Agora, Freire se prepara para um novo desafio. Ela é uma entre vários pesquisadores participando do programa Memex, a convite da Defense Advanced Research Project Agency (Darpa), uma agência do Exército americano. O programa tenta criar um novo paradigma para buscas na internet, explica Freire.

 

“Grupos foram convidados a criar um conjunto de ferramentas que nos permitam fazer buscas sob medida. Por exemplo, estou interessada em um tópico e quero fazer uma busca na internet profunda. Então eu digo, me faz uma busca e um relatório desse assunto de acordo com as especificações tais”. “Ou seja, são ferramentas que te ajudam a encontrar e analisar dados”.

Um detalhe importante é que essa nova tecnologia permitirá fazer buscas na internet obscura. “O Memex quer ver tudo, quer ver dark web, surface web, deep web”, ressalta Freire. “Essa tecnologia tem várias aplicações. Vai ajudar governos a encontrarem conteúdo que está escondido na darkweb – por exemplo, conteúdo sobre tráfico humano. Vai ser útil no jornalismo investigativo, em pesquisas… para a ciência, (uma tecnologia como essa) é fundamental”.

Efeito Snowden
Em maio de 2013, um consultor da NSA (Agência Nacional de Segurança) dos EUA, Edward Snowden, denunciou para o mundo que o governo dos Estados Unidos vinha secretamente arquivando comunicações entre cidadãos feitas pela internet e por telefone. Na época, Snowden disse ao jornal britânico The Guardian que não queria viver em um mundo onde “tudo o que faço e digo é gravado”.

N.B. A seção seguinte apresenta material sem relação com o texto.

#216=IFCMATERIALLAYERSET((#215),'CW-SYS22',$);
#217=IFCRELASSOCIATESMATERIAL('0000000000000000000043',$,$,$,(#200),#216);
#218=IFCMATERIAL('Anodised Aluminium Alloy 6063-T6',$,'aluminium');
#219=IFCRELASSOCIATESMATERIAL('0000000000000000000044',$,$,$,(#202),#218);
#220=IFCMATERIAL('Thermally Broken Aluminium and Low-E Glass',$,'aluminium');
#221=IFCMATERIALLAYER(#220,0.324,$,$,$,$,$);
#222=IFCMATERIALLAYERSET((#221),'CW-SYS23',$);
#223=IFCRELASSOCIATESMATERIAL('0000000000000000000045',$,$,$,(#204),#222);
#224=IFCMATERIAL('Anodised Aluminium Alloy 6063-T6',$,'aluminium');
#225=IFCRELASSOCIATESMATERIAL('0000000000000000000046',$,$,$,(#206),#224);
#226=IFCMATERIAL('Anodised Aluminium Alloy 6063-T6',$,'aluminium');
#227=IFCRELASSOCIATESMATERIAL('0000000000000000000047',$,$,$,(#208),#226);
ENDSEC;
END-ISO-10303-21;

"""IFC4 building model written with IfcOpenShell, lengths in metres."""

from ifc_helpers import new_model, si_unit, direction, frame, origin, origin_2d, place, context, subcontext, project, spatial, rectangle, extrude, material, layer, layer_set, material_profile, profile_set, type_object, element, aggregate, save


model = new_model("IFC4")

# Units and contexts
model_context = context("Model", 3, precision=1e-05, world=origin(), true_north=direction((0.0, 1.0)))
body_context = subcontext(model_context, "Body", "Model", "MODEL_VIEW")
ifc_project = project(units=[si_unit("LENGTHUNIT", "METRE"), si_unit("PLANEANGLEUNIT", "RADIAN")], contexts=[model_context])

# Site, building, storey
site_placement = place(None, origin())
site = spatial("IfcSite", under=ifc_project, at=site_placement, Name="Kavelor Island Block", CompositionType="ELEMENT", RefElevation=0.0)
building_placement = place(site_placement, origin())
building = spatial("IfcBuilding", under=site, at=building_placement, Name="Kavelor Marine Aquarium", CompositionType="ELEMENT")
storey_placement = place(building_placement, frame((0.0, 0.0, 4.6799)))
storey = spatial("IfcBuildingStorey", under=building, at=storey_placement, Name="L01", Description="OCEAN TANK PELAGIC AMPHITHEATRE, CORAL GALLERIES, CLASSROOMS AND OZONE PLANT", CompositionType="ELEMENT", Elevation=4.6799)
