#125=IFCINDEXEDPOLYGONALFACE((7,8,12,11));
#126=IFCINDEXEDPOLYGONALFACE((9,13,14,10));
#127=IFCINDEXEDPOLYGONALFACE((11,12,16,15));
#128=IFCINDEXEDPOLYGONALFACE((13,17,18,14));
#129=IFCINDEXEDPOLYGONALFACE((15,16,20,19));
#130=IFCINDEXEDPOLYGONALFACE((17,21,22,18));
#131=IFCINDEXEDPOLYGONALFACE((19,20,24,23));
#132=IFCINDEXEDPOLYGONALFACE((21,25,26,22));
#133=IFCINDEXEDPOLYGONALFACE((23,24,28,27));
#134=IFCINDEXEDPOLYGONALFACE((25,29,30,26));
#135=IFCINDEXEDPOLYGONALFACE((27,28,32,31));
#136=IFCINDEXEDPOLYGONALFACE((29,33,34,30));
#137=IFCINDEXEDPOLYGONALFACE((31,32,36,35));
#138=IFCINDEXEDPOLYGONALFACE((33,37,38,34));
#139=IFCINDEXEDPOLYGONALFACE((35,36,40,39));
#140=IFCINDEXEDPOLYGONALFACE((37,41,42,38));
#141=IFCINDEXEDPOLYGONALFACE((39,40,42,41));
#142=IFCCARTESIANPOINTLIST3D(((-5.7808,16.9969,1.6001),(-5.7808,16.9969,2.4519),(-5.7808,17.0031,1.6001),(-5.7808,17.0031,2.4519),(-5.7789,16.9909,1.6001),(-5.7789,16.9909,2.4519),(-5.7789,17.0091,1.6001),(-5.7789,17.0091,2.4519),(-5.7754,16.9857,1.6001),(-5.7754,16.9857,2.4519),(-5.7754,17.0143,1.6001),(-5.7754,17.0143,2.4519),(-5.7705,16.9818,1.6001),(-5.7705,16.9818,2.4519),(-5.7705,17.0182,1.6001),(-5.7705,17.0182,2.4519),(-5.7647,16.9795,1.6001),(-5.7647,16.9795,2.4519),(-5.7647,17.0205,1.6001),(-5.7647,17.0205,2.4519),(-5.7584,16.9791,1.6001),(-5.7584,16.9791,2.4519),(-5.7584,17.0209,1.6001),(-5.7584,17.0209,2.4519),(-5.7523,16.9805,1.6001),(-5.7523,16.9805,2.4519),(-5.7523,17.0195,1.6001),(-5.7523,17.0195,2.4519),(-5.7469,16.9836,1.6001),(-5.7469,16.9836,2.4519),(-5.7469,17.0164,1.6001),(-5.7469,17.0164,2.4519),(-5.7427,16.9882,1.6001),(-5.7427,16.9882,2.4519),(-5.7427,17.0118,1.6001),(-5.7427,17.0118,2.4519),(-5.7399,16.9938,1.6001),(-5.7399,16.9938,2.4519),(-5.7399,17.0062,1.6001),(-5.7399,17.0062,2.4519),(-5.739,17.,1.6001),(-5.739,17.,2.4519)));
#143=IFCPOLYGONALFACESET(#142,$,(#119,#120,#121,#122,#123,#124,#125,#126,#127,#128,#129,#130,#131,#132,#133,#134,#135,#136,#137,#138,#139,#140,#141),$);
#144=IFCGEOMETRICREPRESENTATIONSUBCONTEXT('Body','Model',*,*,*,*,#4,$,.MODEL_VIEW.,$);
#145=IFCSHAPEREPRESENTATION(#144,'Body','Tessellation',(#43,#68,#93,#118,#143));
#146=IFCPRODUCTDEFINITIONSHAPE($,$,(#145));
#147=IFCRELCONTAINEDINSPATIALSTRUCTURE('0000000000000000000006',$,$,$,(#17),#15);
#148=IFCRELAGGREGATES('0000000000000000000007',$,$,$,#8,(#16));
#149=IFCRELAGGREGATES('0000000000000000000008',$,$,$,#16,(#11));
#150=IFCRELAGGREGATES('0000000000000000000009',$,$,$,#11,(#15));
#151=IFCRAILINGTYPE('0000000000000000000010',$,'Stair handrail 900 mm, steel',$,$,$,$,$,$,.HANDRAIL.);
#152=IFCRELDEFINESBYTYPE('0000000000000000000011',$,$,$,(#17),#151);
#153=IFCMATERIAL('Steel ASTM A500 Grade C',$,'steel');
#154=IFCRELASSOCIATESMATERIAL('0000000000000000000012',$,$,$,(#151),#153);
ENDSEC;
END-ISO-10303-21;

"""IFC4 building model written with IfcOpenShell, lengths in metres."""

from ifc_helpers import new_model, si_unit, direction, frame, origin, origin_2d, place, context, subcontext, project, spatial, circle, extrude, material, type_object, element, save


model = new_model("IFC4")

Nesse contexto, a ideia de que exista uma rede de comunicações fora do alcance de governos e autoridades ganha um atrativo a mais. “Apesar do intenso preconceitos contra as chamadas deep web e dark web, são canais que surgiram a partir de ferramentas de proteção à privacidade”, diz Ronaldo Lemos.

“Em vários países do mundo, especialmente em regimes autoritários onde a rede é controlada e as liberdades civis ameaçadas, esse tipo de de espaço torna-se um dos poucos ambientes públicos onde é possível manifestar pensamentos e opiniões de forma livre”. E acrescenta: “não existe apenas uma dark net, mas várias. Elas são uma consequência da estrutura aberta da internet. Apesar dos inúmeros problemas que elas trazem e que devem ser combatidos, eles são o preço a se pagar por manter a internet com uma arquitetura descentralizada, livre e aberta”.

Para Juliana Freire, no entanto, a vigilância pelo governo é um problema menor. “O Google, o Facebook, o Twitter, sabem de tudo. O Google está lendo todos os seus e-mails. “Você querer privacidade e ficar preocupada com o governo é bobagem porque tem companhias que provavelmente sabem mais do que o governo”. “Imagina o tanto que você revela ao Google só ao fazer buscas?”, questiona. “A privacidade é impossível. O que é necessário é regulamentação, porque agora não dá mais para parar esse processo”.